Intervista alla famosa jazzista Elisabetta Guido per il suo nuovo e attesissimo album “Arabesque”
Dopo la lunga pausa dovuta alla Pandemia, l’estate romana torna ad animarsi con spettacoli ricchi di musica e di cultura. Una tradizione che si rinnova anche all’Alexanderplatz, storico tempio della musica Jazz della Capitale, dove venerdì sera si è esibita la nota cantante Elisabetta Guido, in vista della presentazione del suo nuovo e attesissimo album “Arabesque”. Con lei, ad esibirsi sul palco, c’erano anche i musicisti Mirko Fait (sax) e Martino Vercesi (chitarra), con i quali costituisce un’affiatata band da più di tre anni e che l’hanno accompagnata in questa sua ultima fatica discografica.

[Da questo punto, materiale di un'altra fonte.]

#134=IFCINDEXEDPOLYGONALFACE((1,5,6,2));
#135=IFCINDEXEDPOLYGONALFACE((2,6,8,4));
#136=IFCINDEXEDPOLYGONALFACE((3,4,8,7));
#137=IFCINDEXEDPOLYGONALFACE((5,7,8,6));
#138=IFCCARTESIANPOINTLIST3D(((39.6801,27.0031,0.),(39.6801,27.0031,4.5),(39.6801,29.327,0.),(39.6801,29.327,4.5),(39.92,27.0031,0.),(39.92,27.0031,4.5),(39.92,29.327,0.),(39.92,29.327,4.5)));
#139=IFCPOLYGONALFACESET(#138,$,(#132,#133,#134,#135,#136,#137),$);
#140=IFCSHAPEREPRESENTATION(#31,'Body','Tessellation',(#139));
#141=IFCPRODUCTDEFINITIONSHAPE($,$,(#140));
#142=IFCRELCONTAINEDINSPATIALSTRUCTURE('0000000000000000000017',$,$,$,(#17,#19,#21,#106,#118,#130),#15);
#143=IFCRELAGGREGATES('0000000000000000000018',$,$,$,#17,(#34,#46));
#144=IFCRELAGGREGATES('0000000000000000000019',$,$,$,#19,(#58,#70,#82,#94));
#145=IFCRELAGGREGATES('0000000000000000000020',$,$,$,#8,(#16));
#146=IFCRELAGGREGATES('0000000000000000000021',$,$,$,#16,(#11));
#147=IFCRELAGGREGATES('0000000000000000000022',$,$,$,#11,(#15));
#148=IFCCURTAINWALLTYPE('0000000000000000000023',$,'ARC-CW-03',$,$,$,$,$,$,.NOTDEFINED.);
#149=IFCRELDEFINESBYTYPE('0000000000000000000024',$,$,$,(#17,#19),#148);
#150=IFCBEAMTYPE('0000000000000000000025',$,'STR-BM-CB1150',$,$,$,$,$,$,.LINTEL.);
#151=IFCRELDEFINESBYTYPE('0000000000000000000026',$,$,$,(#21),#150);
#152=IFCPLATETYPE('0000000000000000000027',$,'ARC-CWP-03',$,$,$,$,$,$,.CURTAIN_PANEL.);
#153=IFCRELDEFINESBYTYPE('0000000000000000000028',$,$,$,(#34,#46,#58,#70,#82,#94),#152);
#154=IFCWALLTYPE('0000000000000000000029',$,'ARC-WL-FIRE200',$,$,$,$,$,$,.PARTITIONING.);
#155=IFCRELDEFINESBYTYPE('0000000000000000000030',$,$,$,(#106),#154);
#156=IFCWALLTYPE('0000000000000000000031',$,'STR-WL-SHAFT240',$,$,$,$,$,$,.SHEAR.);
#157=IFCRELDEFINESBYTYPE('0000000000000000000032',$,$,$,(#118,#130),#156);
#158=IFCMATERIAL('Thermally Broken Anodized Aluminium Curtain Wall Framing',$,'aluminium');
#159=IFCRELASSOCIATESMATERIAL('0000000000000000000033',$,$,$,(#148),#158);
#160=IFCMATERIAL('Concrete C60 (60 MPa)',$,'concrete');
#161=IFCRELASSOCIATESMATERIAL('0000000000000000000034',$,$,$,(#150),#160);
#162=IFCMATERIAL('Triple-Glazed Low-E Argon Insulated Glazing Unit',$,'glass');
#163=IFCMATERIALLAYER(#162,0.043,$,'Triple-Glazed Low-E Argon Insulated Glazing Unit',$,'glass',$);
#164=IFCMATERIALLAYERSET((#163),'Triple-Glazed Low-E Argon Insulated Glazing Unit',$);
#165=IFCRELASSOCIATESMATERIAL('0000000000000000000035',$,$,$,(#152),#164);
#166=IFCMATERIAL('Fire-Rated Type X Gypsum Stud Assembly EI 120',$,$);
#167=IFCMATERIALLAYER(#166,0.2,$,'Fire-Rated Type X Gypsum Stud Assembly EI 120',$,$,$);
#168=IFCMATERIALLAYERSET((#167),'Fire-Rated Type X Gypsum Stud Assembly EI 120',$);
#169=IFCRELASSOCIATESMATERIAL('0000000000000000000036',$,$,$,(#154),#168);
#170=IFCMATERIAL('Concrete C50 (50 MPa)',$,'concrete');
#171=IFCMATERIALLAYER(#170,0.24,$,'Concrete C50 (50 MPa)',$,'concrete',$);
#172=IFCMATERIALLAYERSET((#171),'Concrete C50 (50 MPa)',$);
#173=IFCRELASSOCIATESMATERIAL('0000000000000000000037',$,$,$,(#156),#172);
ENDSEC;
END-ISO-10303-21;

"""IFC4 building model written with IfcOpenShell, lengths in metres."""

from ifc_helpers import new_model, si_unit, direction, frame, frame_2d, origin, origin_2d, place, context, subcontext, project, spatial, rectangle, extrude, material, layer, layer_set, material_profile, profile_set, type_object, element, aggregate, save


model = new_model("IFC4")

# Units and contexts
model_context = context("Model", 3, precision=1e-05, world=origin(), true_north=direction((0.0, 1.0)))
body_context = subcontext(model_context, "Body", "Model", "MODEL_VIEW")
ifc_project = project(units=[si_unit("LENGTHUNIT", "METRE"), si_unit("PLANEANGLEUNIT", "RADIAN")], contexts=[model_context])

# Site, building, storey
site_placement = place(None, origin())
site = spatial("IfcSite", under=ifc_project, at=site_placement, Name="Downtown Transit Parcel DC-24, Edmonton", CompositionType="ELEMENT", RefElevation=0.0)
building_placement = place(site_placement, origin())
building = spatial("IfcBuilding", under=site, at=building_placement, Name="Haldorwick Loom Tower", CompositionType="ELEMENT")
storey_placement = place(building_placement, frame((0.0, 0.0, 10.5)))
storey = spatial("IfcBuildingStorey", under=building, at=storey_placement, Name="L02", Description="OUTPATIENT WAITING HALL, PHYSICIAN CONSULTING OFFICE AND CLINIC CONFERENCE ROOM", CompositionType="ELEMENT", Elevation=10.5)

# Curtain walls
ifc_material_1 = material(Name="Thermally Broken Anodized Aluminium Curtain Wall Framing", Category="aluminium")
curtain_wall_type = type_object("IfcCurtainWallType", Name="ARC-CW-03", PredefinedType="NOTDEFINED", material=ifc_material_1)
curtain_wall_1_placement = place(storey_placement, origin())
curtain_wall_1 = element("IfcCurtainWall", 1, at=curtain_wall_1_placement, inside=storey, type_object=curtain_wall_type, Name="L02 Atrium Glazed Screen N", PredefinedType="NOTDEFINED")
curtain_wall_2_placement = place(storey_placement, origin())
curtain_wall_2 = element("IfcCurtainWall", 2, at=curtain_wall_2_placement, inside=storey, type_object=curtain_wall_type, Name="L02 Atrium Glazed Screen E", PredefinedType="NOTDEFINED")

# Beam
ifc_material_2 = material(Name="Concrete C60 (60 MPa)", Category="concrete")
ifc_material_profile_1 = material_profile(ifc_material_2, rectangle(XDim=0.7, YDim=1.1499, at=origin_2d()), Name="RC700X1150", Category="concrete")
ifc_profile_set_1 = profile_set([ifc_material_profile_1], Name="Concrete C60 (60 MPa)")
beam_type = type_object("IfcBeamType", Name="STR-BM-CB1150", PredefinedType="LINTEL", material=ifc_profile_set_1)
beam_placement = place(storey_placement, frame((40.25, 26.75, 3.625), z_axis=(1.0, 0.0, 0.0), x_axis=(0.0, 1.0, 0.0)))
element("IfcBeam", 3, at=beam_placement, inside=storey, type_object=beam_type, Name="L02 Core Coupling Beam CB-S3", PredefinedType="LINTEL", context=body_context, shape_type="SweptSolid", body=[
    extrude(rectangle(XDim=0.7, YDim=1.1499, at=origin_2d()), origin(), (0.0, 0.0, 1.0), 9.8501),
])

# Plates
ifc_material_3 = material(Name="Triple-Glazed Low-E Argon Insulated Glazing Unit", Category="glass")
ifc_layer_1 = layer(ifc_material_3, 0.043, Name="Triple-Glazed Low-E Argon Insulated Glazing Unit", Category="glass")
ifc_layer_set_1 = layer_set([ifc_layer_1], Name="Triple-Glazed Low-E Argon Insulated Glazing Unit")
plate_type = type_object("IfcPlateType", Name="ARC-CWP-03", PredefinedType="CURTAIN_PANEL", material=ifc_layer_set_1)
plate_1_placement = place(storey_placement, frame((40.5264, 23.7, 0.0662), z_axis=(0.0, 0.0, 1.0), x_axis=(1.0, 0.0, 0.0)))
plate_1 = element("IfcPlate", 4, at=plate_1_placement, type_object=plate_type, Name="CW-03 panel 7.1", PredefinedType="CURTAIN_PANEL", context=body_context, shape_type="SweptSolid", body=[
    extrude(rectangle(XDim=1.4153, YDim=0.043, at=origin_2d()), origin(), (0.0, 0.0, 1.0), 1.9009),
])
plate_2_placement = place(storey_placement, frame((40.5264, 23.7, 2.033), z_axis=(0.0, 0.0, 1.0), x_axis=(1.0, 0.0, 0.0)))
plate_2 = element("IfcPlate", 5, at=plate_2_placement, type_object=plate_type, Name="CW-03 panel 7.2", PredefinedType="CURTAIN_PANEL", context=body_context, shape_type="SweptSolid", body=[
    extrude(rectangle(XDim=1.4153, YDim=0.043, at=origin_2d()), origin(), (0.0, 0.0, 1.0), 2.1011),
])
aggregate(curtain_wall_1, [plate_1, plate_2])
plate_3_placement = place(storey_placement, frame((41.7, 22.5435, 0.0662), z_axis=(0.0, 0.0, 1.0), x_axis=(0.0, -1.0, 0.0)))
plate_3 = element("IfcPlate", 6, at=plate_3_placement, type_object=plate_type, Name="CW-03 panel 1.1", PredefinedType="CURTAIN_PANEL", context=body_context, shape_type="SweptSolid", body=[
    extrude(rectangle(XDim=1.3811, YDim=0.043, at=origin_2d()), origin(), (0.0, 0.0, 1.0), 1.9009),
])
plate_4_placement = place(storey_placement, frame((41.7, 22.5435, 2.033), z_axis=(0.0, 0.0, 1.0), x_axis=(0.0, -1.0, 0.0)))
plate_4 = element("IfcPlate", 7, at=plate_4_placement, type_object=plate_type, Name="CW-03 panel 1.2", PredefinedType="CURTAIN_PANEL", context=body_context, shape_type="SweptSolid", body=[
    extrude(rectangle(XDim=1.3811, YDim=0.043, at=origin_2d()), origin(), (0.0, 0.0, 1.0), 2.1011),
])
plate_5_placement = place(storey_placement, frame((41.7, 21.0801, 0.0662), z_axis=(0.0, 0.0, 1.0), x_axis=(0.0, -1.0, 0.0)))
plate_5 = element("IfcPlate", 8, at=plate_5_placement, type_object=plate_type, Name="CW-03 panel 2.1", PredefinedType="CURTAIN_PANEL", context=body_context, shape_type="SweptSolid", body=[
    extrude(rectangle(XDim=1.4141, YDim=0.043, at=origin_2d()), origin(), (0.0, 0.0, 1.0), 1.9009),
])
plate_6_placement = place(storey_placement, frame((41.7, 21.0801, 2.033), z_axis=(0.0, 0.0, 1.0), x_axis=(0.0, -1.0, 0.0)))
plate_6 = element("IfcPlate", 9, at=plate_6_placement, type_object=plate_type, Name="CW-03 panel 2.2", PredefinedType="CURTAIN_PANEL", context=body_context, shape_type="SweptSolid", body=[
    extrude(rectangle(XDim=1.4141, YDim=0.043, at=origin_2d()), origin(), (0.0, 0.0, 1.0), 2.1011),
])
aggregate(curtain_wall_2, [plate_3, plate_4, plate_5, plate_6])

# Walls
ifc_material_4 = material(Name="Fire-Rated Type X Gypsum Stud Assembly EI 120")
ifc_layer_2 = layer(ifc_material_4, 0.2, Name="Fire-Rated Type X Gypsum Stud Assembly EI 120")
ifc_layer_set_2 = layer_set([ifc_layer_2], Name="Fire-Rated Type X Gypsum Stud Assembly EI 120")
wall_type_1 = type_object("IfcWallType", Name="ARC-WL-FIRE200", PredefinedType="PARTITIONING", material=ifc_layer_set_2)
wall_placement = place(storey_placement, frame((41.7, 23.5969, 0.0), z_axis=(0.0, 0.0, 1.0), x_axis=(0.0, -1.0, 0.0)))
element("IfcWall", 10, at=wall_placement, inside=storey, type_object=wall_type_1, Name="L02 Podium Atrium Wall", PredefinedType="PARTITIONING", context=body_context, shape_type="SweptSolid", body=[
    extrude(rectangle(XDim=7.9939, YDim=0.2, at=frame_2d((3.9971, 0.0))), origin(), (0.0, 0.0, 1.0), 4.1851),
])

Un progetto che nasce per testimoniare l’importanza della musica e che celebra, in tutte le sue sfaccettature, la bellezza dell’arte, mescolando fra loro generi e storie diverse. All’evento, patrocinato dalla Regione Lazio e organizzato dalla dottoressa Pina Stabile erano, inoltre, presenti il Maestro Angelo Inglese e il celebre trombettista Fabrizio Bosso. Nomi importanti del mondo della musica e che, anche grazie alla loro presenza, hanno permesso alla serata di decollare, registrando il tutto esaurito in una cornice quanto mai suggestiva.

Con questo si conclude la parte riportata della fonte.